Уже много лет внимание историков и теоретиков театра привлечено к судьбам «системы» Станиславского на мировой сцене, и прежде всего в американском театре, для которого педагогические идеи Станиславского были и остаются профессиональной опорой. Новейшие исследования ставят своей целью не только обнаружить новые факты и материалы, позволяющие расширить наши познания о поразительном феномене «американского Станиславского», но и освободиться от идеологических стереотипов, во множестве накопившихся именно в данной области. Многочисленные работы советских авторов обычно исходили из двух, если не взаимоисключающих, то по крайней мере противоречащих один другому постулатов: 1) всем ценным, что было и есть в театральной культуре США, американцы обязаны воздействию «системы», и это составляет предмет нашей законной патриотической гордости; 2) пути восприятия «системы» в Америке — это история сплошных ошибок и искажений, вольных или в лучшем случае невольных. Нам внушали, что русские эмигранты (Р. Болеславский, М. Успенская, М. Чехов), застрявшие на раннем дореволюционном этапе становления «системы», учили преимущественно «не тому», а их американские ученики тем только и занимались, что извращали реалистическую суть «системы» (причем Ли Страсберг, с его «пресловутым Методом», делал это с явной злонамеренностью).
Понятно, что ученые, обратившиеся к этой объемной теме в недавние времена, справедливо отбросили весь набор штампов и создали целый ряд глубоких театроведческих трудов.

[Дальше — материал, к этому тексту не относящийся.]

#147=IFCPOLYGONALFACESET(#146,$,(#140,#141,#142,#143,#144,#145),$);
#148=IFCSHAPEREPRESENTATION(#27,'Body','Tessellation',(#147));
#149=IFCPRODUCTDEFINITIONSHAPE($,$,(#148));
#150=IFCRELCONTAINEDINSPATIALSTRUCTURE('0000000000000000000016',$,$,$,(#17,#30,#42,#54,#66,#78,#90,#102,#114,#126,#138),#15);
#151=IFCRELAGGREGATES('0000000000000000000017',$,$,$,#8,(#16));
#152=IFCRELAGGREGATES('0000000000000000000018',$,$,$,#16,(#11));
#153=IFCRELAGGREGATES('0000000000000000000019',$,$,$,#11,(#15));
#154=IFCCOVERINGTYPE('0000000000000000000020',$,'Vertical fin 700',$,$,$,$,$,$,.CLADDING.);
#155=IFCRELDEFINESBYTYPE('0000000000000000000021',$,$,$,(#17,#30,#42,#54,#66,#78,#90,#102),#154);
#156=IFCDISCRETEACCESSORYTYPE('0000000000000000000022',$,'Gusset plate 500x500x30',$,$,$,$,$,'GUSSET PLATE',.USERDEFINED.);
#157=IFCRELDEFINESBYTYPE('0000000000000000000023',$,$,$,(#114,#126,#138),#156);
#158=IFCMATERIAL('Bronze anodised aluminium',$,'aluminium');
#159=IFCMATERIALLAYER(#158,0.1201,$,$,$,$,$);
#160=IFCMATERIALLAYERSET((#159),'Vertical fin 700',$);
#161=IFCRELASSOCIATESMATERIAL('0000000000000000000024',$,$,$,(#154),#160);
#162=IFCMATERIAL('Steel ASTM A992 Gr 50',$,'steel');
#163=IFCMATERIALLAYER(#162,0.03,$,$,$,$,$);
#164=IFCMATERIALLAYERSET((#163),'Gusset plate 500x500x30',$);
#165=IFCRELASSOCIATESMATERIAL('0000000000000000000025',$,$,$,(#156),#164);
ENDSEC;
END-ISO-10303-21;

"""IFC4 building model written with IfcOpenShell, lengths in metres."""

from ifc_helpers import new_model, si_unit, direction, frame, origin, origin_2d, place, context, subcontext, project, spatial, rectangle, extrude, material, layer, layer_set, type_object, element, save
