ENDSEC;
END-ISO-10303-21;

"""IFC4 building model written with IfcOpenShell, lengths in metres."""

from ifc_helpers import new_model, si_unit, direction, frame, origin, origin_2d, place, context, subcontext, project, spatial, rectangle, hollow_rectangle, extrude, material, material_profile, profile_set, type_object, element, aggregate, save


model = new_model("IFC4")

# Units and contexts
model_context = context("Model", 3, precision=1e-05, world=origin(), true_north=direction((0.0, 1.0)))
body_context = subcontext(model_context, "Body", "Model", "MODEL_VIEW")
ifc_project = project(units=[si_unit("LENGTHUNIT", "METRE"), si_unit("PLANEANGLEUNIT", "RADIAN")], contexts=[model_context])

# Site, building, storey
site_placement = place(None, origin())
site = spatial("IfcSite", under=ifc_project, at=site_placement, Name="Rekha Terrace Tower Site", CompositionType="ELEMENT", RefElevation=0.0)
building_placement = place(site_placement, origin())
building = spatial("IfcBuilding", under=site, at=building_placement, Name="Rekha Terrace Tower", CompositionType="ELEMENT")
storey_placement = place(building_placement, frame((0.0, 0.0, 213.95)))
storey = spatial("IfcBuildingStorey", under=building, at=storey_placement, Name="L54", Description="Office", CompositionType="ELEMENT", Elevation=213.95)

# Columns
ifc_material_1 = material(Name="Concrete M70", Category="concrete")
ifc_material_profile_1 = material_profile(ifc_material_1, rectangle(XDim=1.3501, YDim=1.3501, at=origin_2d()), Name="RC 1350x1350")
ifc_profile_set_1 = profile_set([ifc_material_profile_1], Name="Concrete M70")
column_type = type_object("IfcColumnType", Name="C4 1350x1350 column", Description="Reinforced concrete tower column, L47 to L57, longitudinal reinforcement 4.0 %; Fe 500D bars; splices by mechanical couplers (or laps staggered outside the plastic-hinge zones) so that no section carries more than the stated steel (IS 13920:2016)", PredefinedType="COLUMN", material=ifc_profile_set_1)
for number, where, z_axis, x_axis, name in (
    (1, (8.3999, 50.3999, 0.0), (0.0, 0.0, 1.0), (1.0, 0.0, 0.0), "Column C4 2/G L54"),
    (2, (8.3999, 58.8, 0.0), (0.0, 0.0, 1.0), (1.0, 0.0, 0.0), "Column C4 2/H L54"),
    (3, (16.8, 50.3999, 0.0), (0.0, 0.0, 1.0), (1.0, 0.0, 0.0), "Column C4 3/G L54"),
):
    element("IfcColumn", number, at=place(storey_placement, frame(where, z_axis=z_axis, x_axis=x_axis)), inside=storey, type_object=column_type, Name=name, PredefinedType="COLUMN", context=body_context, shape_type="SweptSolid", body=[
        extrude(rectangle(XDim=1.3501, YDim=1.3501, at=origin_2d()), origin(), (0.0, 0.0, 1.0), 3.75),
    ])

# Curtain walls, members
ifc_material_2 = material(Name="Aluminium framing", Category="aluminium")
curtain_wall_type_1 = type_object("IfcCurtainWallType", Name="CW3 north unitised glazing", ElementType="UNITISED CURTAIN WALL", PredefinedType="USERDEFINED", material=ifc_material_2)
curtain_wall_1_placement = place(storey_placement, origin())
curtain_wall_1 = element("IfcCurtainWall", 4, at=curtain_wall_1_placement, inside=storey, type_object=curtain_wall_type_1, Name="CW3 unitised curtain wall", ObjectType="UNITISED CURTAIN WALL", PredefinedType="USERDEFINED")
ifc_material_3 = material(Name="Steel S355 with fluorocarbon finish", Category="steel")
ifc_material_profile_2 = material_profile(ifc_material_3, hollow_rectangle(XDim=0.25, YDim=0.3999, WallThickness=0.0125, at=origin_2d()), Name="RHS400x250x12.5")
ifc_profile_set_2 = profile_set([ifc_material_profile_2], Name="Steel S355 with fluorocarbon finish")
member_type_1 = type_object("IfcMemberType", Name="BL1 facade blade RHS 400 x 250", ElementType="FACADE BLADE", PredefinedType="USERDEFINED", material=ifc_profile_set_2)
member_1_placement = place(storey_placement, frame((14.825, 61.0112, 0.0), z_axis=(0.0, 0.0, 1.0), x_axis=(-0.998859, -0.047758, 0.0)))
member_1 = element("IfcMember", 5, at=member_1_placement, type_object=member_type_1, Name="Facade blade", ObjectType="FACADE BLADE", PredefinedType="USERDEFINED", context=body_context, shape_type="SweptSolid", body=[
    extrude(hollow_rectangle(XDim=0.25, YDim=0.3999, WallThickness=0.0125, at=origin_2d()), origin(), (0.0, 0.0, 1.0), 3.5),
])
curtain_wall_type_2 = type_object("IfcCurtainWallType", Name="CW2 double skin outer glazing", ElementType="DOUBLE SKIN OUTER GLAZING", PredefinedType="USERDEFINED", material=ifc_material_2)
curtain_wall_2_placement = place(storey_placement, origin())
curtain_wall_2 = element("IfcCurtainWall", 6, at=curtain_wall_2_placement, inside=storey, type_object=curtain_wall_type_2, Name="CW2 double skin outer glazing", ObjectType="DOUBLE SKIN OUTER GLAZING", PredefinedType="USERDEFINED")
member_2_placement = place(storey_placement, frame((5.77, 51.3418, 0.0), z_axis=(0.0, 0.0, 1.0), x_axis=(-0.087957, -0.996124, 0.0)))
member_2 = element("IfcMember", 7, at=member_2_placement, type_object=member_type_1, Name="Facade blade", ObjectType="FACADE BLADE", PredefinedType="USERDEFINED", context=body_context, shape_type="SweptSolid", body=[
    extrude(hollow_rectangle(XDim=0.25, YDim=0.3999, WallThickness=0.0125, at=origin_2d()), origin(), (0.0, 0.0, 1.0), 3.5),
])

С. Черкасский на них с благодарностью ссылается — прежде всего на блестящие статьи А. М. Смелянского и И. Н. Соловьевой, а также на труды М. А. Литавриной, Е. А. Артемьевой и других русских авторов (не говоря уже об авторах американских). Мне особенно приятно было встретить в книге отсылки к статьям безвременно ушедшей из жизни Татьяны Бутровой, талантливой выпускницы ГИТИСа и моей коллеги по сектору Института искусствознания.
Монументальное как по объему (800 с лишним страниц!), так и по обилию идей и фактов исследование С. Д. Черкасского естественно вписывается в этот ряд. Вместе с тем книга отмечена чертами яркой новизны. Впервые с такой широтой и последовательностью развернуты и осмыслены пути постижения «системы» в актерском искусстве и театральной педагогике США, подробно изучен сложный механизм воздействия на американский театр гастролей МХАТа в 1923–1924 годах, которые вовсе не были сплошной цепью триумфов, как всех нас когда-то учили: сохраняя свой энтузиазм по поводу искусства МХАТа, люди американского театра постепенно переставали полностью отождествлять показанные на гастролях старые спектакли, сам сценический стиль МХАТа с идеями «системы» Станиславского, которому они поклонялись. С. Д. Черкасский с ясностью и, я бы сказал, элегантностью мысли, а главное, с чрезвычайной убедительностью анализирует непростые коллизии, развернувшиеся в Америке 20–40-х годов вокруг наследия К. С. Перед читателем предстают живые лица Ричарда Болеславского, Марии Успенской, Стеллы Адлер, Ли Страсберга. Но главное — раскрыта сложная проблематика их (и, разумеется, Михаила Чехова) режиссерской и педагогической деятельности в открытых ими школах и на сценах Лабораторного театра, театра «Груп», а позже — Актерской студии, где молодые американские актеры с энтузиазмом пытались следовать учению Станиславского, как они и их учителя эти идеи понимали. Впервые в таком объеме и с такой полнотой описаны приключения «системы» на американской почве. Перед читателем открывается целая полоса истории американского театра — левого и не очень — в период между мировыми войнами. У нас и прежде немало об этом писали — но никогда с подобным обилием важных идей и документальных деталей. В известном смысле книга Черкасского — это взгляд «изнутри», иногда кажется, что автор знает о своем предмете много больше, чем сами американцы.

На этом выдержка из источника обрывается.